In Kollaboration mit dem Team von David C. Nelson an der UC Riverside in Kalifornien konnten die Autoren auch zeigen, dass Ethylen die Ansammlung von SMAX1 auch in Pflanzen fördert, welche die Fähigkeit zur Symbiose mit Pilzen verloren haben. Die Bedeutung dieser Entdeckung reicht also über die Pflanze-Pilz-Symbiose hinaus. Es wird spannend, in der Zukunft die Rolle dieses Phänomens außerhalb der Symbiose zu erforschen.
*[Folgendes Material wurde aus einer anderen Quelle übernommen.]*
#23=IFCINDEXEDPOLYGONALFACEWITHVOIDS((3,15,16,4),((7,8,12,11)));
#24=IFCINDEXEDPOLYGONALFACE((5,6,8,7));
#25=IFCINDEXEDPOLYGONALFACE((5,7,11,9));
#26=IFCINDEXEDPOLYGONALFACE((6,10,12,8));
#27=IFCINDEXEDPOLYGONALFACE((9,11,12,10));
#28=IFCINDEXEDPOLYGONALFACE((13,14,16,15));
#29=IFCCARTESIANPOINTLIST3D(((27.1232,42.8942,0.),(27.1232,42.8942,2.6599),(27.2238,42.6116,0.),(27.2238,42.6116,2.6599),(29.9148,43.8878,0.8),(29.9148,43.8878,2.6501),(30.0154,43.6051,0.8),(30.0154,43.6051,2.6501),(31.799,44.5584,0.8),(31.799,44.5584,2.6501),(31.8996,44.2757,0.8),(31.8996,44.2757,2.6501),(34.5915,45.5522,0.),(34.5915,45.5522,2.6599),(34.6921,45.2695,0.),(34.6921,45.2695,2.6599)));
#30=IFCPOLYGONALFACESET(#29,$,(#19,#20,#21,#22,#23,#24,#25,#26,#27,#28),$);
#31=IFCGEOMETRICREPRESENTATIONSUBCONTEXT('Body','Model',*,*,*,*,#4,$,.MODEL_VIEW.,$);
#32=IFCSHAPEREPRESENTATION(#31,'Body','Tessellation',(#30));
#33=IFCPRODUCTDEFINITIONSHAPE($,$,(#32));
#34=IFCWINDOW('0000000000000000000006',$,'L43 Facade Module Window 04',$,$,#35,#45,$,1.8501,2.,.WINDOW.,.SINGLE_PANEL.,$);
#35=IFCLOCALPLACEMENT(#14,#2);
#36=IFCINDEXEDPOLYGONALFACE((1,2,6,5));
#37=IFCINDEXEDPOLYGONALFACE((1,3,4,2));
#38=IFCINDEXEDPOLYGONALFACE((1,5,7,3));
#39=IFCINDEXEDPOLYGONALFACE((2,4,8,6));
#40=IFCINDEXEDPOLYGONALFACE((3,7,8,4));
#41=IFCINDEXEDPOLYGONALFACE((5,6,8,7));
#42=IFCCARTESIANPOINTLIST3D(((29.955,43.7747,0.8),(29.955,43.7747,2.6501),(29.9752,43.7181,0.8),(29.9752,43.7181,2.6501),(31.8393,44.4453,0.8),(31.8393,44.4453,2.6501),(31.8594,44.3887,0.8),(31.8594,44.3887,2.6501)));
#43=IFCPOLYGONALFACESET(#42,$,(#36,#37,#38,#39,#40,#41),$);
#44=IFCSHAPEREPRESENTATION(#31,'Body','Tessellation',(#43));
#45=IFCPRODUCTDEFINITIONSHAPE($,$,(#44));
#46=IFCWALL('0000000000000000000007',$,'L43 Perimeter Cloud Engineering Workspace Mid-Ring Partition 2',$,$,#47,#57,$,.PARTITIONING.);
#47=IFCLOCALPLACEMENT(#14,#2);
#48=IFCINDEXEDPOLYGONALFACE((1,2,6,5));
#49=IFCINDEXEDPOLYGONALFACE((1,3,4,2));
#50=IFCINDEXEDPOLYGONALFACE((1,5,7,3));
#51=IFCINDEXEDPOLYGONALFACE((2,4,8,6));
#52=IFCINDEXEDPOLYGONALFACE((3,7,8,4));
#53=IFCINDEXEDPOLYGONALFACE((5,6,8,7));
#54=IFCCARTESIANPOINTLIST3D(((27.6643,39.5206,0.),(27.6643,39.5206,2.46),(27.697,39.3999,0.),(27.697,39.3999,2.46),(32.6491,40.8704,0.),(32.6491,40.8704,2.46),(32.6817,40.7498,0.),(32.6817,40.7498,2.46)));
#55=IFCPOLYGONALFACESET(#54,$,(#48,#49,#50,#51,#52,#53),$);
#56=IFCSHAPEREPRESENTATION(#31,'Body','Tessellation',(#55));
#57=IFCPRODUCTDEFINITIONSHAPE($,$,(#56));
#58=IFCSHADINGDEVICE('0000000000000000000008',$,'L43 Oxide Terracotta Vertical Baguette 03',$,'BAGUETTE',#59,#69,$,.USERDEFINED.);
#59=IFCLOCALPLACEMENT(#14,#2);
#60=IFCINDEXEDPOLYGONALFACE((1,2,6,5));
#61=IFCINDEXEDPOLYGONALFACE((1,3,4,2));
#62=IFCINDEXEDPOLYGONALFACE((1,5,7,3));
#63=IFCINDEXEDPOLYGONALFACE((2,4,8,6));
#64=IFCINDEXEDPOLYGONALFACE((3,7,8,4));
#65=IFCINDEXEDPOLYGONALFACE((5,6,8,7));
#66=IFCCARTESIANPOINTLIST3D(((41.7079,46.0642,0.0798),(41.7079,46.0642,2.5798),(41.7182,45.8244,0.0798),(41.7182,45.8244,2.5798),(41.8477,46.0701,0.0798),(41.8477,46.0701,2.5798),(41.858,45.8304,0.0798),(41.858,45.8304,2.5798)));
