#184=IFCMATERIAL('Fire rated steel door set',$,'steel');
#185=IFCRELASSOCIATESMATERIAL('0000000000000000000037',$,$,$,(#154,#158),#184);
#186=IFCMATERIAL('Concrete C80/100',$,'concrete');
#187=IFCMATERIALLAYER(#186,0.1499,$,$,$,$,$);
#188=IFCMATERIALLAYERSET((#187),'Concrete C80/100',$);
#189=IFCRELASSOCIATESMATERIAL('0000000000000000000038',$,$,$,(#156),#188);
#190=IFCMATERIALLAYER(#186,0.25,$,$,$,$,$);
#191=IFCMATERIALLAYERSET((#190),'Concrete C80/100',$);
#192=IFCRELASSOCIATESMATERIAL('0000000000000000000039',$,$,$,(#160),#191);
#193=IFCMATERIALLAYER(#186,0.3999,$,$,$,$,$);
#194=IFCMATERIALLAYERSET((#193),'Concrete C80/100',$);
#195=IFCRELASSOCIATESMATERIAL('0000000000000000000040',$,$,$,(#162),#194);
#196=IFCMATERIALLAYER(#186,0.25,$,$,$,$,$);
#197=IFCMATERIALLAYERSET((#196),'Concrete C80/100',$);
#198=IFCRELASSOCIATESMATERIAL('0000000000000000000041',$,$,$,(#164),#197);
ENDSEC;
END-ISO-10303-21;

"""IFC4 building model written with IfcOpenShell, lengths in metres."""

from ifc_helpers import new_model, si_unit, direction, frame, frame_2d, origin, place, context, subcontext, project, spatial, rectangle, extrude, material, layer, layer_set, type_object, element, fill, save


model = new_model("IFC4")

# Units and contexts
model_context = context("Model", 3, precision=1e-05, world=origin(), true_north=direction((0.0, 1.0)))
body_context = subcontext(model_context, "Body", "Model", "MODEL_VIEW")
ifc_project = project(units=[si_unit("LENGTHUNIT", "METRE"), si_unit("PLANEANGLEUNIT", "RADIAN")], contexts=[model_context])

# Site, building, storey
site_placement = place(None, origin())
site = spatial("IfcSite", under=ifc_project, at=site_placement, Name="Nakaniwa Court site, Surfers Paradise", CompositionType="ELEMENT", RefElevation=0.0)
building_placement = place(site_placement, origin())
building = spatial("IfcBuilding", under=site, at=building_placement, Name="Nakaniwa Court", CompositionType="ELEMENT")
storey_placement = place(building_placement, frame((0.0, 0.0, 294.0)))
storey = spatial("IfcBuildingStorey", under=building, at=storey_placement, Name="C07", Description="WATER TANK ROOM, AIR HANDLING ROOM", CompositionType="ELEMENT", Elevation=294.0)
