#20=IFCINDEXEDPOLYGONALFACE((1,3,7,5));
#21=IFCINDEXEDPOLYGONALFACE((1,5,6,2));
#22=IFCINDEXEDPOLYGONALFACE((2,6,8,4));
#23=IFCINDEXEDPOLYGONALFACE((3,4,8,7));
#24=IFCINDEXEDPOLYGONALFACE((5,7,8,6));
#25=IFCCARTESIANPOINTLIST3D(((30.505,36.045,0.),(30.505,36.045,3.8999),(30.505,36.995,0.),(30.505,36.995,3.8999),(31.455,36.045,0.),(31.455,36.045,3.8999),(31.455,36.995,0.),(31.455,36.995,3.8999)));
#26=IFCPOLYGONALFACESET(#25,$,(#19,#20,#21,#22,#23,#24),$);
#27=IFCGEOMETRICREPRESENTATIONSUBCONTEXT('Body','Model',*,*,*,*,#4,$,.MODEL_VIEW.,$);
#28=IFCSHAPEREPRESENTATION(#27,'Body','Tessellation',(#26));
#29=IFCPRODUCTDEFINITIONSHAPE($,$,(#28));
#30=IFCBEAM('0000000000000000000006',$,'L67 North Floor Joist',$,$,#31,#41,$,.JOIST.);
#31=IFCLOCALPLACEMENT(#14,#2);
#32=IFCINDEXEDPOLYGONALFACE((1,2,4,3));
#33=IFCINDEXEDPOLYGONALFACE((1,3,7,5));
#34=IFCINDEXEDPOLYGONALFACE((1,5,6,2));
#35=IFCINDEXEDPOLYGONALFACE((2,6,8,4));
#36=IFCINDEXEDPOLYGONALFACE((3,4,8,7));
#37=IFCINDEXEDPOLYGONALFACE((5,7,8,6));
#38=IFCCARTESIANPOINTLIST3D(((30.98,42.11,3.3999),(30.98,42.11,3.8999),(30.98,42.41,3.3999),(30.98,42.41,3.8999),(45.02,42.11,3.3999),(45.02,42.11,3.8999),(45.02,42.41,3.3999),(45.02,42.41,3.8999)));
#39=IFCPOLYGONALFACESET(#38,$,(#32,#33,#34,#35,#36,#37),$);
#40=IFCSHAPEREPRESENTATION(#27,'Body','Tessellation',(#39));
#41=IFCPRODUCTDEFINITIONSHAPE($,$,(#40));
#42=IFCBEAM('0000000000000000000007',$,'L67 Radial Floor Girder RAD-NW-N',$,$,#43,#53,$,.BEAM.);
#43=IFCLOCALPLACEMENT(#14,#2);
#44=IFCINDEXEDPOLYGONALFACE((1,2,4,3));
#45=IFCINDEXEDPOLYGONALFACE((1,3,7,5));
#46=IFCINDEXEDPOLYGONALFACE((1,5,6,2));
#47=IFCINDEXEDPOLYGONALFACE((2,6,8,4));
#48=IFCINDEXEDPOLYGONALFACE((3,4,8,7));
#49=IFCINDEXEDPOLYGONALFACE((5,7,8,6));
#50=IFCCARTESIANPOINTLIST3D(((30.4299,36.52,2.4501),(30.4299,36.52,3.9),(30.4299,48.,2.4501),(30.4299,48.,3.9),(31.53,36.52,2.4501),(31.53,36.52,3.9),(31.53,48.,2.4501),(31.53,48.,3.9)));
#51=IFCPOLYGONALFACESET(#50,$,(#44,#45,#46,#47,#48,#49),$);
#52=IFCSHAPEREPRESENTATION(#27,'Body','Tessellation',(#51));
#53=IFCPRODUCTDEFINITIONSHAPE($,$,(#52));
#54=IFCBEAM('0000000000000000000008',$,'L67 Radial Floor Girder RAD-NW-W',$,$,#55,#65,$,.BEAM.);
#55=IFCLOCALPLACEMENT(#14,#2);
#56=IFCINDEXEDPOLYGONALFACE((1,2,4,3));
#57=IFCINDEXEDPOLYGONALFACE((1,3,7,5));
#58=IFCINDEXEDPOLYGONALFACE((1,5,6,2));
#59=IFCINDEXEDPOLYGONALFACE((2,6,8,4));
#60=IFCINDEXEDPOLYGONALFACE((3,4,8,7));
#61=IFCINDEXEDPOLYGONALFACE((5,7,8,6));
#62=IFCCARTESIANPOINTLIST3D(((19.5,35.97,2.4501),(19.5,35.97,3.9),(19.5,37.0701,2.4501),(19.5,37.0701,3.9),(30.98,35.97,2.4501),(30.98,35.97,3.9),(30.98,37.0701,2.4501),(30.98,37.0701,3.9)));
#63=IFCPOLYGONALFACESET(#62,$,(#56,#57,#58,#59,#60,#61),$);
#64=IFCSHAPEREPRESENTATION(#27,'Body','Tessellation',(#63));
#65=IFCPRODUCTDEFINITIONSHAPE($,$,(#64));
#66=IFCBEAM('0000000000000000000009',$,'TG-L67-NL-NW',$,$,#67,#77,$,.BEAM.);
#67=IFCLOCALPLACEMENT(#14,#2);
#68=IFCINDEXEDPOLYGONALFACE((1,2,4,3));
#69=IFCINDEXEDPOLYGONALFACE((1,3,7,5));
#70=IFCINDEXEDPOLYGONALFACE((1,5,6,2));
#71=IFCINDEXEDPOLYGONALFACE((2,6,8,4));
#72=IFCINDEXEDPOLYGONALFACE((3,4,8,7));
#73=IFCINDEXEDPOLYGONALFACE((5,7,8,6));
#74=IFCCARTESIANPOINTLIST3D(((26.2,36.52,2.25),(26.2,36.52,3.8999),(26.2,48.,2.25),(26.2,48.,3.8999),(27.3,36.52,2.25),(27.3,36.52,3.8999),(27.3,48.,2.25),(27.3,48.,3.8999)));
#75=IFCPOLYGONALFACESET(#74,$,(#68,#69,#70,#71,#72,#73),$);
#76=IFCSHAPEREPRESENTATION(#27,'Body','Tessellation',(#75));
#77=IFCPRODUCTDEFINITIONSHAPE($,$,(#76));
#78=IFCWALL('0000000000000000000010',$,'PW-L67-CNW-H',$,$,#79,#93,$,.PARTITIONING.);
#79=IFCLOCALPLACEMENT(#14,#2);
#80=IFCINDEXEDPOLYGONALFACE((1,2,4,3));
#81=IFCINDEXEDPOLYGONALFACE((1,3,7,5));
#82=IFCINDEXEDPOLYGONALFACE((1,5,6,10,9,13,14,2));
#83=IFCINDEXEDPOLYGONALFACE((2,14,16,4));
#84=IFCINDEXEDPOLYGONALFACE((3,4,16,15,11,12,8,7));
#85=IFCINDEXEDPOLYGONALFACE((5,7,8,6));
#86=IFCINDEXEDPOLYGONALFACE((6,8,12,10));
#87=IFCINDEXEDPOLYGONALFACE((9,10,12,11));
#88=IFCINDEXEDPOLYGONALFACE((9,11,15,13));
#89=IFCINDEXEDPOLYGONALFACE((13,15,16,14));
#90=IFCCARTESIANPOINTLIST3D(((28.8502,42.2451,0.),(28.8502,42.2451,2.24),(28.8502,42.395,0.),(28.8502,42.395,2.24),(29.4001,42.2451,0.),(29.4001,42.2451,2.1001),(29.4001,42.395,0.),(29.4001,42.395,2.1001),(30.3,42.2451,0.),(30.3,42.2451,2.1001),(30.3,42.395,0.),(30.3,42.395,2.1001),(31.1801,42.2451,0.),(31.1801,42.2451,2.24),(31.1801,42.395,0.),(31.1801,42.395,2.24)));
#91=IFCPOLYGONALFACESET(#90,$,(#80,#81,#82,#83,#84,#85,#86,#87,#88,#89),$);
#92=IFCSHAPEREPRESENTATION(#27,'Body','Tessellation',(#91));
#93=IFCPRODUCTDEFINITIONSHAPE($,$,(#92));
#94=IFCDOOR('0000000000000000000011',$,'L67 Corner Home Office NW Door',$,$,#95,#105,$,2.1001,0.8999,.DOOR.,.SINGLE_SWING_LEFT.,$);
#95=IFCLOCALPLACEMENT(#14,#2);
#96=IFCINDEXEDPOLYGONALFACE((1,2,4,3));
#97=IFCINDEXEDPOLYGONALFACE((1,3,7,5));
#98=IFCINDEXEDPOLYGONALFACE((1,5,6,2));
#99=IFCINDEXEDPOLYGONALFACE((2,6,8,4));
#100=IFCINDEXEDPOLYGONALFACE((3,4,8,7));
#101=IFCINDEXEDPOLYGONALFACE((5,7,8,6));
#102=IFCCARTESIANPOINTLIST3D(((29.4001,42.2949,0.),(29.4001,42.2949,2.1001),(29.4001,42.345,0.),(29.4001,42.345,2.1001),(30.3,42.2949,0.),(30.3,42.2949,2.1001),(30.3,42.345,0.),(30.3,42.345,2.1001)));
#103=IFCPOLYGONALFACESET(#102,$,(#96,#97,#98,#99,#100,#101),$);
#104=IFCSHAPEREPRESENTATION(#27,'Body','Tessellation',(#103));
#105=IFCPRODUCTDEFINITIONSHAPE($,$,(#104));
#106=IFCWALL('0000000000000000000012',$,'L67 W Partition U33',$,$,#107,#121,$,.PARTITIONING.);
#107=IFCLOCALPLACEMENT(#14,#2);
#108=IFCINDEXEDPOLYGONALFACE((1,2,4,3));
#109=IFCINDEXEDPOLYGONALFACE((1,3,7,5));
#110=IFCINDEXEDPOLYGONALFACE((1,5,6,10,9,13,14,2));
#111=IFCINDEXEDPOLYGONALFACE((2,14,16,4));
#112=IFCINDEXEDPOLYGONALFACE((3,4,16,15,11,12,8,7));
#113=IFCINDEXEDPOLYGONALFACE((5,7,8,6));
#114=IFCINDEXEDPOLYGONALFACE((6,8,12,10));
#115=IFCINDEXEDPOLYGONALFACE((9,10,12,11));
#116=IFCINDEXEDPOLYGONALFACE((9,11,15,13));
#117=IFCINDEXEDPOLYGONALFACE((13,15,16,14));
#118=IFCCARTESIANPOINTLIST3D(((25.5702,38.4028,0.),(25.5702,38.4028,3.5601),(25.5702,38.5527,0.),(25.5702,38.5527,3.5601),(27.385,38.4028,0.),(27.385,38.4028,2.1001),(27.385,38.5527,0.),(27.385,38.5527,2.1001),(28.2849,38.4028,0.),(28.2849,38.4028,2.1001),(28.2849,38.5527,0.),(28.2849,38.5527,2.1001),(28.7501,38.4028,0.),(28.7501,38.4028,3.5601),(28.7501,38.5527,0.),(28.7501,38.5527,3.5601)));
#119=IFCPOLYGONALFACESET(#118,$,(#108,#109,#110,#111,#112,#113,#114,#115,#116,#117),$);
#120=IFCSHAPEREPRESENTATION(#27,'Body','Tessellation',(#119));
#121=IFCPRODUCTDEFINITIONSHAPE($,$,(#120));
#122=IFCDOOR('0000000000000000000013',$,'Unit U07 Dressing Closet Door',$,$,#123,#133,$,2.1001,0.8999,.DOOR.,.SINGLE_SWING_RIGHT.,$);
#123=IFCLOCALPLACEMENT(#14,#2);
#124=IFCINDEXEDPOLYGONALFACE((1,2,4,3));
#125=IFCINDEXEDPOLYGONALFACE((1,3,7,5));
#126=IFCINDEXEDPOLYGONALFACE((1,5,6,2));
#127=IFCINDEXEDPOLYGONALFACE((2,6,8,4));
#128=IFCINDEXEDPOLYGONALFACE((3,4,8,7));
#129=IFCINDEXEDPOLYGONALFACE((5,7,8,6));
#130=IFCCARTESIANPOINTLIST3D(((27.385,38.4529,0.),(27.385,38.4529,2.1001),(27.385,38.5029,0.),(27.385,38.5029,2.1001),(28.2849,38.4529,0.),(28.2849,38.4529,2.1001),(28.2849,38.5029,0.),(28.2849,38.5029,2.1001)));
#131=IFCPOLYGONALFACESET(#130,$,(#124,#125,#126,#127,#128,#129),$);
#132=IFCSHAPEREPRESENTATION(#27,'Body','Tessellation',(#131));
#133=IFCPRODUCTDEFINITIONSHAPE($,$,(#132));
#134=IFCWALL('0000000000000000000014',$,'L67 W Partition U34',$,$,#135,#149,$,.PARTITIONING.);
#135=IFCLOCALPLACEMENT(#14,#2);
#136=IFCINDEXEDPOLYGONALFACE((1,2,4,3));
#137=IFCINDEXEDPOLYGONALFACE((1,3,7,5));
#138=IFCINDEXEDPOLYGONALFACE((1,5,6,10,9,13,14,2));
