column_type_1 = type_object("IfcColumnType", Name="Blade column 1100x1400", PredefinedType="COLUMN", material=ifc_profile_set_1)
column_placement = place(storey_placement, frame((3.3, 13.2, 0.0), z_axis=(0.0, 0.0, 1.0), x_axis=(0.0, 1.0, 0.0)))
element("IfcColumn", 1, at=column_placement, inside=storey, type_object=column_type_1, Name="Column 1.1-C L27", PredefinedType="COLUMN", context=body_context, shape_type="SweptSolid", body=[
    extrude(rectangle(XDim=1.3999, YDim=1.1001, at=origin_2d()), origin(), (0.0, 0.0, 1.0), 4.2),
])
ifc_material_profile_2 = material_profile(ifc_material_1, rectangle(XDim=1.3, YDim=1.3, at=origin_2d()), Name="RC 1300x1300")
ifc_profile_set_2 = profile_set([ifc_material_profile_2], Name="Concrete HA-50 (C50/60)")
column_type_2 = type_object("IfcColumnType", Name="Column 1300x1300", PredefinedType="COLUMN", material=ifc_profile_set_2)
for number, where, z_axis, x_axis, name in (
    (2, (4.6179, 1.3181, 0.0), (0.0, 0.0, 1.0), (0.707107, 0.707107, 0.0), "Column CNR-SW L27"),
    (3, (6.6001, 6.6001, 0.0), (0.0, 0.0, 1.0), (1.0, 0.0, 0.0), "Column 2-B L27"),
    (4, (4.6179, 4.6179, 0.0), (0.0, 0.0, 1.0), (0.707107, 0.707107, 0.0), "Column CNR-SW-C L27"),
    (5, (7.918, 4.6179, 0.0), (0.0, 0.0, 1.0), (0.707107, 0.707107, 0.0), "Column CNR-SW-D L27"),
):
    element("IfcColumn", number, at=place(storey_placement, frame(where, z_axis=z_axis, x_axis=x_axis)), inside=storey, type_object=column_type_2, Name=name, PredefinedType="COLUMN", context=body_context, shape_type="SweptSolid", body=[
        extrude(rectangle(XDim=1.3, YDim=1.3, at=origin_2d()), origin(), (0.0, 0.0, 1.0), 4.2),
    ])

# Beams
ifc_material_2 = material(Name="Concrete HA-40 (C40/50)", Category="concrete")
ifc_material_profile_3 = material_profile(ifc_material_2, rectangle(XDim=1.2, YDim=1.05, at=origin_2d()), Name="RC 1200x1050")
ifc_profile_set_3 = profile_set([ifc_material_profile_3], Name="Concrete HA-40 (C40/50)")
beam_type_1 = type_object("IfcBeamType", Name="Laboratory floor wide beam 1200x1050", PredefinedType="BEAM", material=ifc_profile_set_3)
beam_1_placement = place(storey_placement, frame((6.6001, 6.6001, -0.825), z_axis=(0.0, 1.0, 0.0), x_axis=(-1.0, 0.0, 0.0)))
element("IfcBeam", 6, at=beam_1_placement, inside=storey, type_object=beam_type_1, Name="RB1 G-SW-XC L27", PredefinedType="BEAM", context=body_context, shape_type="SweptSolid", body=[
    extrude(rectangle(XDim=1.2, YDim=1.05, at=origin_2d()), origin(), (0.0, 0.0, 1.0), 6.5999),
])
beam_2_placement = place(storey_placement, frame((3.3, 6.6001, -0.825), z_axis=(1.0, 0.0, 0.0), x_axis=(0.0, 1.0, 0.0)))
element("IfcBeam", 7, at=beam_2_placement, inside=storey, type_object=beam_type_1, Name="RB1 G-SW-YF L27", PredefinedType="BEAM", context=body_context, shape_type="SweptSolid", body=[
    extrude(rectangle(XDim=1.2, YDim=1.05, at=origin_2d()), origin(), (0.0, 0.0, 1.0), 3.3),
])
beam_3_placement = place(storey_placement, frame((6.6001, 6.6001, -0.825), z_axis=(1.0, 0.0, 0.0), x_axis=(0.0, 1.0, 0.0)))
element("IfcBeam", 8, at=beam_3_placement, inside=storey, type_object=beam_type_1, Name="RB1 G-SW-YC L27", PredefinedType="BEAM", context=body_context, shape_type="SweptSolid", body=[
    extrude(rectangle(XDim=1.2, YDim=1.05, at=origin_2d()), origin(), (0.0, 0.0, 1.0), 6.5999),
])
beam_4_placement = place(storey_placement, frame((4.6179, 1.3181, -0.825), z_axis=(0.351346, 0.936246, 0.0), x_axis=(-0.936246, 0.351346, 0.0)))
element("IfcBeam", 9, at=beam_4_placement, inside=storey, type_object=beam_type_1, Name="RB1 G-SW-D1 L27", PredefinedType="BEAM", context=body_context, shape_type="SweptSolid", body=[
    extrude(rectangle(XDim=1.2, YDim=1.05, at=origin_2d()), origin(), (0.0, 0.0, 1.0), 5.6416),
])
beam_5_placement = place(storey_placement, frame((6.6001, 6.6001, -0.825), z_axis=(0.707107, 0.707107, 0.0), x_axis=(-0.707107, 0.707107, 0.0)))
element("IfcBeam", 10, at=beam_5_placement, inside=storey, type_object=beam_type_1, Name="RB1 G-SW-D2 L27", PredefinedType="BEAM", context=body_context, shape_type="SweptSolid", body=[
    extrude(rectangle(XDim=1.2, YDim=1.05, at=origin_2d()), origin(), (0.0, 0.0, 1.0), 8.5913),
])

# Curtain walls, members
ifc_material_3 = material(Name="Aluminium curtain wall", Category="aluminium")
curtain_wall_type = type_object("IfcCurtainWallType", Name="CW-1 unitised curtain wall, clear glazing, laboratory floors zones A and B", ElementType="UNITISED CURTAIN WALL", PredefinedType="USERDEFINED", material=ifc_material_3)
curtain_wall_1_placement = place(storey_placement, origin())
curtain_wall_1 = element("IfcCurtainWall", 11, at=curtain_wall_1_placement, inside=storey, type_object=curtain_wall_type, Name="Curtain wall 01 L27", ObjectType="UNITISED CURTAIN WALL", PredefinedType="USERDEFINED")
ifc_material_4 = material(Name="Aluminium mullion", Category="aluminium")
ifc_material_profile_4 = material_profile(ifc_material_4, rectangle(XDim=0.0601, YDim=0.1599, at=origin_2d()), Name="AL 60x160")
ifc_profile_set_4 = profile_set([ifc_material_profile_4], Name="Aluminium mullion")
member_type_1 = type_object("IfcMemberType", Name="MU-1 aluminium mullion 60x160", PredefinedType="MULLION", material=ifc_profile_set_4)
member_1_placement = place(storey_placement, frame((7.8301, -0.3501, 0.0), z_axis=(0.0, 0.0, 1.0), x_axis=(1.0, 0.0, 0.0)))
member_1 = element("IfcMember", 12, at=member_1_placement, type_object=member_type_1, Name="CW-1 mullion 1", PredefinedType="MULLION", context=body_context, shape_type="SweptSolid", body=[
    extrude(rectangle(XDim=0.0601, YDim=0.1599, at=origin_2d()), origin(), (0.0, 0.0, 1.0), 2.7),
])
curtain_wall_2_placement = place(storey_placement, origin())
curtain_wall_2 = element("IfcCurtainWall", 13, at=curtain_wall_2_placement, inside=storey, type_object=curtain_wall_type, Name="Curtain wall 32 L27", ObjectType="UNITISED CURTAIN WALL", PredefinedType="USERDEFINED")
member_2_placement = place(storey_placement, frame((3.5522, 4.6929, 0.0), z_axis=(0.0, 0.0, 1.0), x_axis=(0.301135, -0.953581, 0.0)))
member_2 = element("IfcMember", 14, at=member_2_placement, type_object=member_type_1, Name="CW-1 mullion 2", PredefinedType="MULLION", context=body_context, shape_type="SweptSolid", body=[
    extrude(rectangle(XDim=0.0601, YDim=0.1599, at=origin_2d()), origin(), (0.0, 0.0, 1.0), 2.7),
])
Ein Verständnis dafür, wie Pflanzen die Symbiose zu Pilzen unter Stressbedingungen regulieren, könnte Informationen darüber liefern, wie gezielt Nutzpflanzen gezüchtet werden können, die auch unter veränderten Stress- oder Klimabedingungen vorteilhafte Partnerschaften mit Pilzen eingehen. Dieses Wissen könnte in Zukunft beispielsweise dabei helfen, Pflanzen auch unter neuen klimatischen Bedingungen mit ausreichend Wasser und Nährstoffen zu versorgen und Ernten zu sichern.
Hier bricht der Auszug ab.